Key private-sector representatives are holding high-level discussions with the Department of Finance (DOF) on Monday in hopes of resolving differences in opinions relating to the taxation of certain government bonds and Philippine stocks not meeting public ownership rules.
The meeting is considered a “last-ditch effort” by the private sector, namely, the Philippine Stock Exchange (PSE) and the Bankers Association of the Philippines (BAP), which fear that some tax policies of the Bureau of Internal Revenue (BIR) are sending confusing, and ultimately negative, signals to the investment community.
The PSE and BAP had sought—and were granted—a meeting with Finance Secretary Cesar Purisima, the BIR and the Securities and Exchange Commission, PSE officials told reporters during an informal interview on Friday.
Up to now, private sector players are still hoping for an amicable solution with the DOF, PSE Chairman Jose Pardo said, despite anecdotal accounts suggesting that talks between the PSE and the government have become tense during recent sessions.
“Sometimes it is just a misunderstanding.
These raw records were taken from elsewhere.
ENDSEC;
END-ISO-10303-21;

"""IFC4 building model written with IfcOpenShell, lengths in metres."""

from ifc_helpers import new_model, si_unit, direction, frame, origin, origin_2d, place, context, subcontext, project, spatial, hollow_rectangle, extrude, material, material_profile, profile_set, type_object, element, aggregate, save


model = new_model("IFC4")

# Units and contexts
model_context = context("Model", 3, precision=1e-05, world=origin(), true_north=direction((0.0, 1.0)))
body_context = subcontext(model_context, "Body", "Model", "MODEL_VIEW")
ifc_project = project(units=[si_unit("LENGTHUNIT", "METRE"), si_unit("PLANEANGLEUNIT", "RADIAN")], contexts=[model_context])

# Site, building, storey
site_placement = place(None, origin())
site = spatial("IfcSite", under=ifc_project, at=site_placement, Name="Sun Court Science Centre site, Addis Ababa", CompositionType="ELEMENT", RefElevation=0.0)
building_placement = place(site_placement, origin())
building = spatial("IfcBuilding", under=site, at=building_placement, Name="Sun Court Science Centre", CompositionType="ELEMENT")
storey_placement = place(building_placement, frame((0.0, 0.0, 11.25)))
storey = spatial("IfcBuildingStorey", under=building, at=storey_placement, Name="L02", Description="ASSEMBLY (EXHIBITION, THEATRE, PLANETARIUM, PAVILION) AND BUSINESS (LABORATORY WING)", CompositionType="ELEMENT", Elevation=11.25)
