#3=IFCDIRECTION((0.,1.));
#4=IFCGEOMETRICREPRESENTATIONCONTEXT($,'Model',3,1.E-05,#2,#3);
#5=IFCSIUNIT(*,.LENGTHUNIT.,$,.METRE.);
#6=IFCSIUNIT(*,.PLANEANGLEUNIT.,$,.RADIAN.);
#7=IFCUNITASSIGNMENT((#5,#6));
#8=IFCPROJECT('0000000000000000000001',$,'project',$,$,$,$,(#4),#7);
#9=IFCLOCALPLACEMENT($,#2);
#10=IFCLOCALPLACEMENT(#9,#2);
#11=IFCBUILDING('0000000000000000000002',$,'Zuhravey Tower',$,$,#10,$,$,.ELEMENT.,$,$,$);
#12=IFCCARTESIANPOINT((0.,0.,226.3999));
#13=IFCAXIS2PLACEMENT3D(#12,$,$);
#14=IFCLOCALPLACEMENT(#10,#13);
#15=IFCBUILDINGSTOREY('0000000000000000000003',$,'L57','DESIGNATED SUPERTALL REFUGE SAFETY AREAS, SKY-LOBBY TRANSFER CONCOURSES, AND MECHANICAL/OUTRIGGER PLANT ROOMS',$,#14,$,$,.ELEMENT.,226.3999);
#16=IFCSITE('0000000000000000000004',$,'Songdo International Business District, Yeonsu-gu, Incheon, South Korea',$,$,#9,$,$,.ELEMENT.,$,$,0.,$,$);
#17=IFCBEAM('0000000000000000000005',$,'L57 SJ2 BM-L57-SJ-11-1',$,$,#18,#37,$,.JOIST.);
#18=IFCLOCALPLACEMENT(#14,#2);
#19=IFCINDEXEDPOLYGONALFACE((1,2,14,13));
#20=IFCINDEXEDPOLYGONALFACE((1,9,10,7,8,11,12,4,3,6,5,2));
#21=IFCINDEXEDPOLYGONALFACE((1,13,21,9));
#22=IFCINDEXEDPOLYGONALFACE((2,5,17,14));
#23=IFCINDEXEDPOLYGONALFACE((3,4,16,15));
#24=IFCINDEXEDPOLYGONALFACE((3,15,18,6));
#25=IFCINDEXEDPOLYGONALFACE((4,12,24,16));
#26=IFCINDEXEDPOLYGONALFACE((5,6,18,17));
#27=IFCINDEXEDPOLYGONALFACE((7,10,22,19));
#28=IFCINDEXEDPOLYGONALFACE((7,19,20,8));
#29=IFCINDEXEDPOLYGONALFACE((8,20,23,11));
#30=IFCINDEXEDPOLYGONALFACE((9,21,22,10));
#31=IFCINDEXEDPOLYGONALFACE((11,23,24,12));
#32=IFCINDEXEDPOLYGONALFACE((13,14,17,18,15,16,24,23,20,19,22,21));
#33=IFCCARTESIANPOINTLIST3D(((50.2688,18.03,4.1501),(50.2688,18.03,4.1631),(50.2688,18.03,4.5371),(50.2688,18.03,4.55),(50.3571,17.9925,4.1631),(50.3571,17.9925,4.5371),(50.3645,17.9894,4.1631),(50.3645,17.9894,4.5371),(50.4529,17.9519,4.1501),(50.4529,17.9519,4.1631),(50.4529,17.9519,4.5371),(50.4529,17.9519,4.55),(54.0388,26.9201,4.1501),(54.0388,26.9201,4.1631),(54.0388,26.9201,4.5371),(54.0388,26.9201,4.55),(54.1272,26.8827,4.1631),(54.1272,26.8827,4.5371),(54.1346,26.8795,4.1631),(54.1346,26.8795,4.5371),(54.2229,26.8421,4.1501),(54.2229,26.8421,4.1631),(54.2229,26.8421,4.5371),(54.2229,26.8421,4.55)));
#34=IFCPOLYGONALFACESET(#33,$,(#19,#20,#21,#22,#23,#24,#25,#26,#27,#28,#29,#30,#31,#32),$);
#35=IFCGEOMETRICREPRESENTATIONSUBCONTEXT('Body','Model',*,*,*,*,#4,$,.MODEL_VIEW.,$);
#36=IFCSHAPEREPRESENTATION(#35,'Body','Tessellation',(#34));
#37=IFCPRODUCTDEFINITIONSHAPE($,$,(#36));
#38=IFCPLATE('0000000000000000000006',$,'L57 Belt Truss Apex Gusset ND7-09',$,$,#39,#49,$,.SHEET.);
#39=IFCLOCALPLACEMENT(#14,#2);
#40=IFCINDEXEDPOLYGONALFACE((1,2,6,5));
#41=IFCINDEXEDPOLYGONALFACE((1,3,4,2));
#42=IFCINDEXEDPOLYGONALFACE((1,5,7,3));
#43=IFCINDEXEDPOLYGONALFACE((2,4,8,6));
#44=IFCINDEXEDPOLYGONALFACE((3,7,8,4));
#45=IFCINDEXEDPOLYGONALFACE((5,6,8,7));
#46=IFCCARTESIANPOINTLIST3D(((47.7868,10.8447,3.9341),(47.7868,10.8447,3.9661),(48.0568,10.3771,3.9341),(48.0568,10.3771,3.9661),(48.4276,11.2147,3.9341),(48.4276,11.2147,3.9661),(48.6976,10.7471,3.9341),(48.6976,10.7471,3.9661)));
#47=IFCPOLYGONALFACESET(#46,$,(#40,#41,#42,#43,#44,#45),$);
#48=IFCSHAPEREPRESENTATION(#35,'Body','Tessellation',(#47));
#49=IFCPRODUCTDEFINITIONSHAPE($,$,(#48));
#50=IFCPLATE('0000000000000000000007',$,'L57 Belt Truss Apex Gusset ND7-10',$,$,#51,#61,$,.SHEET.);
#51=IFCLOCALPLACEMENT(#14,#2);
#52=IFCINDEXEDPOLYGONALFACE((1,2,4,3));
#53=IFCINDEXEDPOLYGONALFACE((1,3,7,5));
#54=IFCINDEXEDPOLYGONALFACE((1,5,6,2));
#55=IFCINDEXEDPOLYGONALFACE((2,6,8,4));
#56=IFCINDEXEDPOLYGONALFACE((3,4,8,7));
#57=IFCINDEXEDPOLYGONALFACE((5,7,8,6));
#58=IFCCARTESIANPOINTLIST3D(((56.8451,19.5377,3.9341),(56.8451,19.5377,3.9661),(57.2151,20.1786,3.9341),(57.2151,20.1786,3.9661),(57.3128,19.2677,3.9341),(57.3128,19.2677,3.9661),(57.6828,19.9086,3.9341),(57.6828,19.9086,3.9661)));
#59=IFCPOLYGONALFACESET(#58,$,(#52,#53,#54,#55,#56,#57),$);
They have fiscal pressures [but] we have to remind them about the bigger picture,” Pardo said.
Discussions are expected to focus on the 20-percent final withholding tax on the P35-billion Poverty Eradication and Alleviation Certificate (PEACe) bonds that were supposed to mature on Tuesday. The tax implementation was temporarily stopped by the Supreme Court after a petition last week by bondholders that include some of the country’s largest banks.
Moreover, the PSE plans to offer a compromise proposal relating to the BIR’s plan to impose higher tax charges on stock transactions involving listed companies that do not meet the 10-percent minimum public-float by the November 30 deadline.
The PSE earlier asserted the BIR cannot legally apply such a tax ruling, which would impose on those transactions the 5-percent to 10-percent capital-gains tax, instead of the preferential rate of one-half of 1 percent.
For her part, Internal Revenue Commissioner Kim Jacinto-Henares said the measure would help boost liquidity in the capital markets as noncompliant firms would be given more incentive to widen their ownership profiles.
Based on the rules, the PSE allows a three-year “curing period” during which firms will be charged higher listing fees but will be safe from delisting proceedings until after that period expires.
“What we are looking at is a shorter curing period,” PSE President Hans Sicat, said without giving details. Sicat said there are at least 45 listed firms that have yet to meet the free-float rule, including large companies, such as Petron Corp., Metro Pacific Tollways Corp., San Miguel Pure Foods Co. Inc., Filinvest Development Corp. and San Miguel Brewery Inc.
Only two firms have taken concrete steps to address their public- float deficiencies as a result of the PSE requirement—San Miguel Corp., which sold $970 million worth of shares and convertible bonds in April, and Keppel Philippine Marine Inc., which has begun its voluntary delisting from the bourse.